Pegasus Athletic
- Full name: Pegasus Athletic Football Club
- Dissolved: 1972; 53 years ago
- Ground: Southend Stadium, Southend-on-Sea
- Manager: Ernie Shepherd
- Final season; 1971–72;: Essex Senior League, 3rd of 9
| Home colours |

= Pegasus Athletic F.C. =

Pegasus Athletic Football Club was a football club based in south Essex, England.

==History==
Founded in the 1960s, as a works team for Mobil, the club, initially named Pegasus (Coryton), won the Essex Intermediate Cup in the 1969–70 season, beating Hornchurch Reserves 2–0 in the final. Under this guise, Pegasus Athletic competed in the Basildon Football League and the Greater London League.

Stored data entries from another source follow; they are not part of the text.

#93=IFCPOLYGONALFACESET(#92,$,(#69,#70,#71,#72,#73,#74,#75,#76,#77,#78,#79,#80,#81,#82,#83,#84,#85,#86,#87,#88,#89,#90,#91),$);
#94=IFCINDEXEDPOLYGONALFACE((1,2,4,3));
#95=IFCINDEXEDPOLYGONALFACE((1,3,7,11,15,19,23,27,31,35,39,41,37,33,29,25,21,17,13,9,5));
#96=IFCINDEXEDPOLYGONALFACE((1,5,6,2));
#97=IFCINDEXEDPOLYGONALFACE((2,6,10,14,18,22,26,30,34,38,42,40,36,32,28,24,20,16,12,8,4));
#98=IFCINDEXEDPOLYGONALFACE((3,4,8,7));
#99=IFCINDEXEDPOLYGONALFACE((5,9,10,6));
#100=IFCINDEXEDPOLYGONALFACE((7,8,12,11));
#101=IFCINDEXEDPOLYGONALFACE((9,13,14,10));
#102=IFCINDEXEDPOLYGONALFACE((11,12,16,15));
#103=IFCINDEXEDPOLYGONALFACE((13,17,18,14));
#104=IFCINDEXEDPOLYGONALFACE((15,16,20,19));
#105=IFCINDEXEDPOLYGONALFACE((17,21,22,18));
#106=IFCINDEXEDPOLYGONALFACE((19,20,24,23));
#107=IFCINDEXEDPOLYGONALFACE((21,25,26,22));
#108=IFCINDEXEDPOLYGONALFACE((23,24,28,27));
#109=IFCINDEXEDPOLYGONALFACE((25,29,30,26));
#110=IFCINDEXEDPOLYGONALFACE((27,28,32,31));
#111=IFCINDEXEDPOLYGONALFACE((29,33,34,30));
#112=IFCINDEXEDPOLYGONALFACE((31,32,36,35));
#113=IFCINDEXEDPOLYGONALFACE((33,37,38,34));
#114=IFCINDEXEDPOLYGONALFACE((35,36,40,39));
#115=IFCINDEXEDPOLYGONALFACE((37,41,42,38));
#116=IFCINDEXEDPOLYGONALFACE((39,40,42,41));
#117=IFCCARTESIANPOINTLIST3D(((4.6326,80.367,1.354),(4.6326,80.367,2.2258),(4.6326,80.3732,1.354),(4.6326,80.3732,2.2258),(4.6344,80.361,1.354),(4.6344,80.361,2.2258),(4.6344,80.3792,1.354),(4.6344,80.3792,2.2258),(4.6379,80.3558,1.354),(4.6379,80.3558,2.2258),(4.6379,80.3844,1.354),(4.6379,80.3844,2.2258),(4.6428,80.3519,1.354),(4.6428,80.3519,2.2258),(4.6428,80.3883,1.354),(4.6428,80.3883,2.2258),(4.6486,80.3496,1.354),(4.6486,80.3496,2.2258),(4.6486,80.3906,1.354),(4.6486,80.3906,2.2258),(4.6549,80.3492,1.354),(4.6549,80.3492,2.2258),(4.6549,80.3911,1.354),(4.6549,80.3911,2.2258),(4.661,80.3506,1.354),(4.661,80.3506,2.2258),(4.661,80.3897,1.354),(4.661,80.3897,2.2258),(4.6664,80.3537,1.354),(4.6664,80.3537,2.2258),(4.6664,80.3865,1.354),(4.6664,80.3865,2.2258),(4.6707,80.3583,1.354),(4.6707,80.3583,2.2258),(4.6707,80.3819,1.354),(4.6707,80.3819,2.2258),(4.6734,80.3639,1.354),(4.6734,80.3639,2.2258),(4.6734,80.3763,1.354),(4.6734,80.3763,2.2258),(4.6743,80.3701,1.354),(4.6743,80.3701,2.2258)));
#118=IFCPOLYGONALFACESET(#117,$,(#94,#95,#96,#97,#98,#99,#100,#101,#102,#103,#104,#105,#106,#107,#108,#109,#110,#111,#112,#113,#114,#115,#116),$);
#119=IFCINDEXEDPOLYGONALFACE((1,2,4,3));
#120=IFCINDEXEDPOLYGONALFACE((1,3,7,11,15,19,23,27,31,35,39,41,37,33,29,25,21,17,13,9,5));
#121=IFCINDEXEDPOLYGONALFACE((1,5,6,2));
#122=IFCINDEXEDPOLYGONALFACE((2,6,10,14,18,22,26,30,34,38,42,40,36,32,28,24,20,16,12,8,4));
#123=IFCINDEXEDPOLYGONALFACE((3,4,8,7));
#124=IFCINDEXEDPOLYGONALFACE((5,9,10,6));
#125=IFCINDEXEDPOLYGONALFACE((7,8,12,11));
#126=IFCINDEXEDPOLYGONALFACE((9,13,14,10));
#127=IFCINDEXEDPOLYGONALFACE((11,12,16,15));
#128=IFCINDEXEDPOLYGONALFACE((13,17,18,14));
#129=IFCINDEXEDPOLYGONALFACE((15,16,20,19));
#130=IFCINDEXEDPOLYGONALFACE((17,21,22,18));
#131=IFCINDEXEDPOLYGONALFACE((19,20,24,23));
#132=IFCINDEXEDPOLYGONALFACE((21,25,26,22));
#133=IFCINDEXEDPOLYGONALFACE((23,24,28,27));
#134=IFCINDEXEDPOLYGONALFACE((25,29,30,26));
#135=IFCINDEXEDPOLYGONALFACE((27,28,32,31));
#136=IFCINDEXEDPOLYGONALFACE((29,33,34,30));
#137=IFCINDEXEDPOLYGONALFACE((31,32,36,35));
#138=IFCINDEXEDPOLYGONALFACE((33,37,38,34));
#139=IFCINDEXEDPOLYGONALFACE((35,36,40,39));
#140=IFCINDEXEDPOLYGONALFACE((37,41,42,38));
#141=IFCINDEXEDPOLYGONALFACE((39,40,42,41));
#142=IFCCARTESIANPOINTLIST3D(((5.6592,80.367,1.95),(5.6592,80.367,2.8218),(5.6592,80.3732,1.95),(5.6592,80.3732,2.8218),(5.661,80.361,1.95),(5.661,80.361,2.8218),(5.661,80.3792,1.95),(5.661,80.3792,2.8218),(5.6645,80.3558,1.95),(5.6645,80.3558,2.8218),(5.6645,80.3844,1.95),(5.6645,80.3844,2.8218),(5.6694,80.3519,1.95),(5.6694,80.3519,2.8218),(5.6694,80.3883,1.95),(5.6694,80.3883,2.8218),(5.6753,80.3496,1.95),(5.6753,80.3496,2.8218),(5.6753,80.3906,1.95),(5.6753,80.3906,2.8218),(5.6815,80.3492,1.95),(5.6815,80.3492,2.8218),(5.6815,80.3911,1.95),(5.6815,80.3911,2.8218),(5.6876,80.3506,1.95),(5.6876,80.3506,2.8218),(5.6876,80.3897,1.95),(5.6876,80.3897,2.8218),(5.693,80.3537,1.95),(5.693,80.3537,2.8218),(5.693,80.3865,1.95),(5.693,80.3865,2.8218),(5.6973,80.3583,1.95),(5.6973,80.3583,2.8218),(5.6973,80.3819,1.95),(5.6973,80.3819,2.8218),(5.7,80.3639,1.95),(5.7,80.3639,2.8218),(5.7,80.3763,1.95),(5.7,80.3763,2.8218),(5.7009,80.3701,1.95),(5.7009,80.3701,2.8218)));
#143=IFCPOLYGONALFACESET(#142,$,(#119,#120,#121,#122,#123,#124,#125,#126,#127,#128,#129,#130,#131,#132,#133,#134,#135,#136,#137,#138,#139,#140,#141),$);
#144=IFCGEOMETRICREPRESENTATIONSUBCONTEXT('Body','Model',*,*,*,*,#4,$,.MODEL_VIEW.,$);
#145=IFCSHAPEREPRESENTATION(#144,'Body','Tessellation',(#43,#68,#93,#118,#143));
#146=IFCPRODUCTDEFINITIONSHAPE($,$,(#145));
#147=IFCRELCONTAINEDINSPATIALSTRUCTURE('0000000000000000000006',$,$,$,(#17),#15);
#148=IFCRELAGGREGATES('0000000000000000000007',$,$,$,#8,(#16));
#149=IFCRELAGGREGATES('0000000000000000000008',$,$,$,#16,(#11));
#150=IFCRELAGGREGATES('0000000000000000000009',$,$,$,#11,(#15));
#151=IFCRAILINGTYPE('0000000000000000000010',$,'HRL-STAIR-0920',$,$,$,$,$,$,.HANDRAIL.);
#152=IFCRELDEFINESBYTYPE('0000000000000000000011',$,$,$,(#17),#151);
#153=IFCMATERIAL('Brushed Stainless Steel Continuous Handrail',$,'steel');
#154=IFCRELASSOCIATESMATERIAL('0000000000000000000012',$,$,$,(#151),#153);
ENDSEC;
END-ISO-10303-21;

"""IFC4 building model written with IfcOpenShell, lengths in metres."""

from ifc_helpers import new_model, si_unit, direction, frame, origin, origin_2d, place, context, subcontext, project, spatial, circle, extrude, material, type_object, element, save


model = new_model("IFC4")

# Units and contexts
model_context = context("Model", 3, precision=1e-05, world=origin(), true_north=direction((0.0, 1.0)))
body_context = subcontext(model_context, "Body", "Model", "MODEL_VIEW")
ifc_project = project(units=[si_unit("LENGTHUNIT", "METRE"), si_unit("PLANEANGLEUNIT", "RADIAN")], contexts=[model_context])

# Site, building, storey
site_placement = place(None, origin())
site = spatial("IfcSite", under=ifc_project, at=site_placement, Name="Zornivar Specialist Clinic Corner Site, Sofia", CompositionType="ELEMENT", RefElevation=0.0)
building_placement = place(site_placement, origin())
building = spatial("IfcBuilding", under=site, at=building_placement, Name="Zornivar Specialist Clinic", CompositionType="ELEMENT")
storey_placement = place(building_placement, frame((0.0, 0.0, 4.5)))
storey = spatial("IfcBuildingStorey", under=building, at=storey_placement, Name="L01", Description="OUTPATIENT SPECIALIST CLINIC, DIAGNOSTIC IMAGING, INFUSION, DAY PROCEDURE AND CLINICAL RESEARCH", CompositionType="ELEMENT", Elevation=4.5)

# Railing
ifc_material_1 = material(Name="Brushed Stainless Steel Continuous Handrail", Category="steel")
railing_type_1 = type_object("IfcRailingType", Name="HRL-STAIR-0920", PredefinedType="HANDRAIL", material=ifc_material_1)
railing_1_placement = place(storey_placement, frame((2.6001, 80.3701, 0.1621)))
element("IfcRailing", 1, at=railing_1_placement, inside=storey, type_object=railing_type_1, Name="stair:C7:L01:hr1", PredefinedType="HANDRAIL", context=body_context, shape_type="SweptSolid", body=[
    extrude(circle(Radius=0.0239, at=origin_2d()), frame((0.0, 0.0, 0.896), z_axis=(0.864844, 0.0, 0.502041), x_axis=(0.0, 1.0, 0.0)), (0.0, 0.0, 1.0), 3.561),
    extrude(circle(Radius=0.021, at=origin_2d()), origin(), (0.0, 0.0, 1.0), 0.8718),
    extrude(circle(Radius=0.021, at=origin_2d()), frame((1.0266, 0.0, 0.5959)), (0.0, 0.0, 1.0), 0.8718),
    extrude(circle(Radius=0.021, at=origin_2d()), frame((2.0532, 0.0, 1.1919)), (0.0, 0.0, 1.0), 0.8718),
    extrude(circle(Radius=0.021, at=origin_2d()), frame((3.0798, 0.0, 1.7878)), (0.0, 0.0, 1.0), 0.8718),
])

In 1971, the club, now renamed to Pegasus Athletic, joined the Essex Senior League, becoming founder members of the league. In the 1971–72 season, they finished third place out of nine clubs, once again winning the Essex Intermediate Cup at the end of the season, beating Colchester-based club Eastern Gas in the final. However, in the following season, they resigned from the league after playing only one match, losing 11–1 against Tiptree United on 2 September 1972. Their record was expunged. Pegasus' last game came against Barkingside in a 15–2 loss in the FA Amateur Cup on 9 September 1972.

Following the club resigning from the Essex Senior League, they competed in Sunday league football.

==Ground==
Originally playing in Coryton, near Thurrock, at the Pegasus Club on Herd Lane, the club later moved to the Southend Stadium, former home of Southend United between 1934 and 1955, upon joining the Essex Senior League. During the final days of the club, Pegasus Athletic attempted to relocate to Chelmsford, with a view of taking up tenancy of Melbourne Stadium, however the club were unsuccessful in their efforts.